Whether you go back to the same doctor or a different one, you can try asking the person you talk to when you make the appointment to put a note in your record that you don't want to discuss your weight at the appointment. Even if the doctor does bring it up-- it will happen and then be over. You already survived it once.

After I read the book Health at Every Size I have become really intolerant of anyone including medical people encouraging weight loss as an end goal in itself. I still try to eat well and I go to the gym regularly, which I didn't before. I participate in wellness programs at my job but I quit if there are any weight loss messages involved. I am the same weight, but more active and happier and saner.

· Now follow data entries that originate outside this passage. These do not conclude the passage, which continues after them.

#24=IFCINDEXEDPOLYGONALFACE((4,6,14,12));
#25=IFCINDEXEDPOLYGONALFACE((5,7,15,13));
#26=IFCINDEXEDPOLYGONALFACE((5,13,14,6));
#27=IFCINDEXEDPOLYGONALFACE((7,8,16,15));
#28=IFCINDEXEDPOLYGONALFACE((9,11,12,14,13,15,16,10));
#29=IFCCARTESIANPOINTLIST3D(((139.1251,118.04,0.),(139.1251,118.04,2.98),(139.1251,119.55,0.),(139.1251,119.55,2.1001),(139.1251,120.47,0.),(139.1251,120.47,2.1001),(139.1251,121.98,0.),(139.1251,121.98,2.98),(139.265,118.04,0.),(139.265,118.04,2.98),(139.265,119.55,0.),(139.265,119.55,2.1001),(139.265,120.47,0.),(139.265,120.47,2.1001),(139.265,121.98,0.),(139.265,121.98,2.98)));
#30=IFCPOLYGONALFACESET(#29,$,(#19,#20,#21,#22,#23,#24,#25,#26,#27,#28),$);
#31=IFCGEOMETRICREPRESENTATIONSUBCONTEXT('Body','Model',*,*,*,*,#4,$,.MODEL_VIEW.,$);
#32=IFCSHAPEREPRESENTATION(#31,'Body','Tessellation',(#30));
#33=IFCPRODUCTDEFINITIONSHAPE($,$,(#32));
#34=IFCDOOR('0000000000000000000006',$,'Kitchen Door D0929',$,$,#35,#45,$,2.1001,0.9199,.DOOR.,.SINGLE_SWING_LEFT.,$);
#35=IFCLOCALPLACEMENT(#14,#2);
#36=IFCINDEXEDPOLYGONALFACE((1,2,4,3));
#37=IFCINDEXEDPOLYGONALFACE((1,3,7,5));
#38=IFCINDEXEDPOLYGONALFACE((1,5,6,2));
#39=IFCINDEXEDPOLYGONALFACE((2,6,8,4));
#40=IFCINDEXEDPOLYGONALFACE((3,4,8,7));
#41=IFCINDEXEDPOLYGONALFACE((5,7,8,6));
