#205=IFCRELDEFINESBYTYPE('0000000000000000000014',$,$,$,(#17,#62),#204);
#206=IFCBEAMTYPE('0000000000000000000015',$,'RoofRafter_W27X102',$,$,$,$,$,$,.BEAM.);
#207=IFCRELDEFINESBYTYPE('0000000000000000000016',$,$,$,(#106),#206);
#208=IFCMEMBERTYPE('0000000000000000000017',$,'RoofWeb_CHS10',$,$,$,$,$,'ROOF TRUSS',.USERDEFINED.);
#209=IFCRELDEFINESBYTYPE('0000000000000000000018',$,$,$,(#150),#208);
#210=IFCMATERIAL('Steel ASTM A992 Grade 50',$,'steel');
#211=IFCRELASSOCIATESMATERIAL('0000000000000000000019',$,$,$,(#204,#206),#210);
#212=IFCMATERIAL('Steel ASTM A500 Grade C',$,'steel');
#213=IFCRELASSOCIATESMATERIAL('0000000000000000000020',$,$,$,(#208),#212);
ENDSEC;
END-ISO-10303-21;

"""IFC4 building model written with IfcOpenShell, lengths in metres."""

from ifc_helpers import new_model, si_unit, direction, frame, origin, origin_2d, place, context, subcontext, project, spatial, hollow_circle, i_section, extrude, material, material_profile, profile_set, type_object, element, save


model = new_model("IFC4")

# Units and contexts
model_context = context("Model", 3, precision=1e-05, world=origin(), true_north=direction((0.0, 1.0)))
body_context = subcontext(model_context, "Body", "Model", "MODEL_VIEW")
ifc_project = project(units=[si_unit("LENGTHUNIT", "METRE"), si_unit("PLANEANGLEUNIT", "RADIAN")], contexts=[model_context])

A therapist might help, with the goal of accepting yourself and allowing yourself to be happy regardless of your weight, and then from that healthy place deciding whether you would still like to lose weight.
posted by katieanne at 11:58 AM on August 9, 2015


I'm so sorry you've had such a rotten experience, and I hope you can get back into exercising. If you are able to exercise, it will be great for your physical and mental health, and I'm so impressed that you were able to make so much progress. If possible, when you go to your next doc, just tell them I'm aware of my weight, and when I am chided about it, it's just discouraging. I'd like to give your post to every doctor who gives patients hell about weight.
posted by theora55 at 12:06 PM on August 9, 2015


Reading your question, I thought of the recent interview of Sarah Hepola on Fresh Air. She talks about how it was harder for her to walk into a weight loss group than it was to go to AA meetings. Lots of people will tell you it is more important to be health than to be thin and they are right. However, if you can figure out a healthy, sustainable way to lose weight and keep it off, that is even better. So, at some point you might want to consider a group weight loss program that addresses the emotional and practical aspects of weight as well as giving you a complete plan and support for doing it. I don't recommend starting a program like that until you have the motivation to really do the program (see-sawing - losing and regaining weight - is even worse than just maintaining a steady but higher weight level.)

So, I am recommending you go a group weight loss program but (i) pick the group carefully and (ii) don't do it until you feel ready. MeMail me if you want to know the specific program I used - they all have pros and cons but it worked for me - I lost 70 pounds in 2011 and have kept off 60 of them for almost four years.
posted by metahawk at 3:11 PM on August 9, 2015


Here is a list of "fat friendly" health professionals. There is usually anecdotal information in each entry, so that you can decide if an approach works for you.

If that's not useful: Unfortunately, some of the worst weight loss advice I've ever received has come from GPs. I get along with my current one because he knows he's not an expert, and refers me out (endocrinologist, nutritionist, etc) for that concern. You might want to start with a psychiatrist, let them know what your concerns are, and ask for their recommendations.